Drittens: Im vorherigen Aufschwung ist die Zunahme der Erwerbstätigen (+1,5 Mio.) und auch der sozialversicherungspflichtig Erwerbstätigen (+ 0,68 Mio.) deutlich höher als im aktuellen Aufschwung (+ 0,87 Mio. bzw. 0,65 Mio.). Allerdings sind die geleisteten Arbeitsstunden deutlich stärker im aktuellen Aufschwung gestiegen. Dieser Widerspruch ergibt sich daraus, dass der einzelne Beschäftigte mehr gearbeitet hat, z.B. durch mehr Überstunden. Hinzu kommt, dass die Abnahme der Arbeitslosigkeit im aktuellen Aufschwung im Vergleich zum letzten nur um ca. 180.000 höher war. (s. hierzu G. Horn u.a. "Wer profitierte vom Aufschwung? (in: www.boeckler.de )
Viertens: Der Anstieg der sozialversicherungspflichtigen Beschäftigung ist im Wesentlichen auf die deutliche Zunahme der Leiharbeiter zurückzuführen (fast doppelt so hoch wie im letzten Aufschwung).
Fünftens: Die Zahl der Vollzeitjobs liegt heute um 250.000 niedriger als 2004.
Fazit: Der Vergleich der Aufschwungphasen belegt die These, dass der Abbau der Arbeitslosigkeit nicht den Arbeitsmarktreformen der Regierung Schröder, sondern wie gehabt vor allem der Entwicklung der Weltkonjunktur und dem normalen Investitionszyklus geschuldet ist.

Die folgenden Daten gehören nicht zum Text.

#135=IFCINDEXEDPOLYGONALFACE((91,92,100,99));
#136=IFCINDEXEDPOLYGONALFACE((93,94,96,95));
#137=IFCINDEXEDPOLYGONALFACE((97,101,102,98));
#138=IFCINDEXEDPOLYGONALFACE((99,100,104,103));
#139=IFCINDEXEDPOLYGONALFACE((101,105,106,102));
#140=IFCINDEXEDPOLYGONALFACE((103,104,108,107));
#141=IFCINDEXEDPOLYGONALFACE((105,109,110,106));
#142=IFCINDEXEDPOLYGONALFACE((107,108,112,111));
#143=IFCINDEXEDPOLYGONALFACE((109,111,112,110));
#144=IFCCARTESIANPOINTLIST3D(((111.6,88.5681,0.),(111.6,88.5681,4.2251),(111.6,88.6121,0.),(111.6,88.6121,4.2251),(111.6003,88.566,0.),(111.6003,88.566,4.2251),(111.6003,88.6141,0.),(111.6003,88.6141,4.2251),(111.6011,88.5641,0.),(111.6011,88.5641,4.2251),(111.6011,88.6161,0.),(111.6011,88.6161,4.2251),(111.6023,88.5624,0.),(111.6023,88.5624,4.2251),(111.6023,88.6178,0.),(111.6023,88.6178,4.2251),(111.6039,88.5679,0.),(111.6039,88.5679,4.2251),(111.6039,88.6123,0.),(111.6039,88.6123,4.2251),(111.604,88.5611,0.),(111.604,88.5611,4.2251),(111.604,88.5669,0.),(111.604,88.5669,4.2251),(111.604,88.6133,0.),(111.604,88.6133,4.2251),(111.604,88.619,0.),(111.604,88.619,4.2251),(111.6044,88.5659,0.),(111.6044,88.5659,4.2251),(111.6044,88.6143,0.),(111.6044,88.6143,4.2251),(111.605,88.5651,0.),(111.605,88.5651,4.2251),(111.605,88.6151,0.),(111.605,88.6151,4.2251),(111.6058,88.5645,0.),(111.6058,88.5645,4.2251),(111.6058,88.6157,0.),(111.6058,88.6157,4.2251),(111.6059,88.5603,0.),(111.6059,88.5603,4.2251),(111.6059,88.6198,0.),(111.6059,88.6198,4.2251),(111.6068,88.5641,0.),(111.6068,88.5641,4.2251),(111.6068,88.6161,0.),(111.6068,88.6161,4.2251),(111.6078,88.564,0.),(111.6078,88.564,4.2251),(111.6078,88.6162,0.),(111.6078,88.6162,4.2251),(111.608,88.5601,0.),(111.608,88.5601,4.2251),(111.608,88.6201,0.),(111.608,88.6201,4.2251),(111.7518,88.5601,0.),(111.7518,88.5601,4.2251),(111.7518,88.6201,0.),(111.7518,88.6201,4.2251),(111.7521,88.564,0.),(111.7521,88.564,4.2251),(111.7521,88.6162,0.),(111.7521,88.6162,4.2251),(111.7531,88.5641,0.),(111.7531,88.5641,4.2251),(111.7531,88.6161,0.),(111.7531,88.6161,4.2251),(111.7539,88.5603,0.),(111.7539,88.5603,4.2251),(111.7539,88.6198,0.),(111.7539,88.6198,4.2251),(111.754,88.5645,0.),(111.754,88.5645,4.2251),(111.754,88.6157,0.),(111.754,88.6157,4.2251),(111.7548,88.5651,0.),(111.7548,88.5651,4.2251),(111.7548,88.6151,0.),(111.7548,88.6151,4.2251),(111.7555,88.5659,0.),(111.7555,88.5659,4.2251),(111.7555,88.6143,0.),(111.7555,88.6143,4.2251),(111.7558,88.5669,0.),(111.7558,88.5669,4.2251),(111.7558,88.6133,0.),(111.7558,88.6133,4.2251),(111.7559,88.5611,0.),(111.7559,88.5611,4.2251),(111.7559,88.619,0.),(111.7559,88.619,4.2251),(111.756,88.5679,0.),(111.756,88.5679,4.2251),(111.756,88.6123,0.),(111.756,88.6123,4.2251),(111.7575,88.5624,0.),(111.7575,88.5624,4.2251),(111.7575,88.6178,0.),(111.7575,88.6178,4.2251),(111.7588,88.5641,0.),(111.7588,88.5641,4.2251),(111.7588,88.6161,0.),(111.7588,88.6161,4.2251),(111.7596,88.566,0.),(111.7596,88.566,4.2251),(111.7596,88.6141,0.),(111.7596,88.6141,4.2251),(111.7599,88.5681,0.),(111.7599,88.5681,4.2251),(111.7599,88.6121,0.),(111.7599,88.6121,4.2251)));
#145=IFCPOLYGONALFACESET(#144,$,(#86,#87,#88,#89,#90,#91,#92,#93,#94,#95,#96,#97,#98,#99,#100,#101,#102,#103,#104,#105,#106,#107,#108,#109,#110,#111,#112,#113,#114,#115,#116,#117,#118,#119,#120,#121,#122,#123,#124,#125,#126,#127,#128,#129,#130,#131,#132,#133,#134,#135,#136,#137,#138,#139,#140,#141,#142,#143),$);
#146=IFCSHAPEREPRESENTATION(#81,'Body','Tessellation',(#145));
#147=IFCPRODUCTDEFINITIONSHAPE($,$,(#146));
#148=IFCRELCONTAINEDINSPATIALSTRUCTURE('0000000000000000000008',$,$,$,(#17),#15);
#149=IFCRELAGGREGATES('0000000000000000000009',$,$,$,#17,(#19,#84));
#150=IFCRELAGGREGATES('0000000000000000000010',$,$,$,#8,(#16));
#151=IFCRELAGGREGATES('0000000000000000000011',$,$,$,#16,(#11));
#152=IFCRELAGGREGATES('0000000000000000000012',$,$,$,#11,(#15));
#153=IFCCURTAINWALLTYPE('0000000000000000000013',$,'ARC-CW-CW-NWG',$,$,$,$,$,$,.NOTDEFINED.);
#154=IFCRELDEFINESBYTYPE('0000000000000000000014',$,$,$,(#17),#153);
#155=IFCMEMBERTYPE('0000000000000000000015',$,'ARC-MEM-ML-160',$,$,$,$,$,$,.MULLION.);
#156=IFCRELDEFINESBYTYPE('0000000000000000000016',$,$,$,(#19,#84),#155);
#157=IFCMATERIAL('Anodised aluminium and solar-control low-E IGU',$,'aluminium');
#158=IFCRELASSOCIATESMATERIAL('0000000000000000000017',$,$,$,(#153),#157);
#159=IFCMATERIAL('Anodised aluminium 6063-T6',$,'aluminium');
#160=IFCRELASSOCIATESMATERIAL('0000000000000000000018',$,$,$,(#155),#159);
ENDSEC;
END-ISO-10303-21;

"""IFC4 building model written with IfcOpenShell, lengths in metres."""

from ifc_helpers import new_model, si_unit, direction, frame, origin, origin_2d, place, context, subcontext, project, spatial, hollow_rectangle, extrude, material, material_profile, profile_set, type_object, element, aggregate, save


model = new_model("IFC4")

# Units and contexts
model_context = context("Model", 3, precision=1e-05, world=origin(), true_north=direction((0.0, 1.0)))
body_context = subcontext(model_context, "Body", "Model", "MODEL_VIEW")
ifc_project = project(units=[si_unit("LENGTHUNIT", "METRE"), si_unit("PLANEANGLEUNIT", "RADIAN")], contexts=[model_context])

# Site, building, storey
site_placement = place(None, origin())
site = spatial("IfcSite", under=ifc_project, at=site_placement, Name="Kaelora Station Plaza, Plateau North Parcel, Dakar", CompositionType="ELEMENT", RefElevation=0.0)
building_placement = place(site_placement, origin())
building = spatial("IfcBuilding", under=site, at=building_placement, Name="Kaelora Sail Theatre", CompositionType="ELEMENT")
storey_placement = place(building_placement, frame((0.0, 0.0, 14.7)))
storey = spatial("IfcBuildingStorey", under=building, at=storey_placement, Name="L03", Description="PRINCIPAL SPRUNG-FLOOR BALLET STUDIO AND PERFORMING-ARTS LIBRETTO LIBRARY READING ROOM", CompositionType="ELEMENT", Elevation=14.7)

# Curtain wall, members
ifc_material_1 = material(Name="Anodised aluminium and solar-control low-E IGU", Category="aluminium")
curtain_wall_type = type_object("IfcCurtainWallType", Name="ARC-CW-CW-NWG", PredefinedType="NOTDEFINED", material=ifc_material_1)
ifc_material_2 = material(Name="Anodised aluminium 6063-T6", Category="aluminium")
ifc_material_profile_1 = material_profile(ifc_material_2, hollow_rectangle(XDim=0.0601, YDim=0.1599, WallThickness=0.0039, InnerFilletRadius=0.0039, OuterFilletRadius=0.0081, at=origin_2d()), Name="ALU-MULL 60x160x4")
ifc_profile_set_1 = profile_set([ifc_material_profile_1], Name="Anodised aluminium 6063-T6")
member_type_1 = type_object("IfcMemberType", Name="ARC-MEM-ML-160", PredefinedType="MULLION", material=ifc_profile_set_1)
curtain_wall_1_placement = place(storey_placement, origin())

Ein anderer Blickwinkel deckt völlig andere Sachverhalte auf: Die Reformen der Schröder-Regierung haben vor zwei Dinge bewirkt: Zum einen die Produktion eines kräftigen Drucks auf das gesamte Lohngefüge und damit verbunden die Schwächung der deutschen Gewerkschaften, zum Anderen eine verschärfte Lohndumping-Konkurrenz gegenüber dem Ausland, insbesondere innerhalb der EU. Erstmalig in der Geschichte der Bundesrepublik Deutschland stellen wir sinkende Reallöhne im Aufschwung fest.
Im Übrigen: Das Bundesministerium der Finanzen hat soeben bekannt gegeben, dass im 2. Quartal des laufenden Jahres das Bruttoinlandsprodukt erstmalig seit vier Jahren geschrumpft ist. Nicht zuletzt vor dem Hintergrund der weltweiten Finanzkrise spricht vieles dafür, dass der viel gepriesene aktuelle Aufschwung auf sein Ende zusteuert.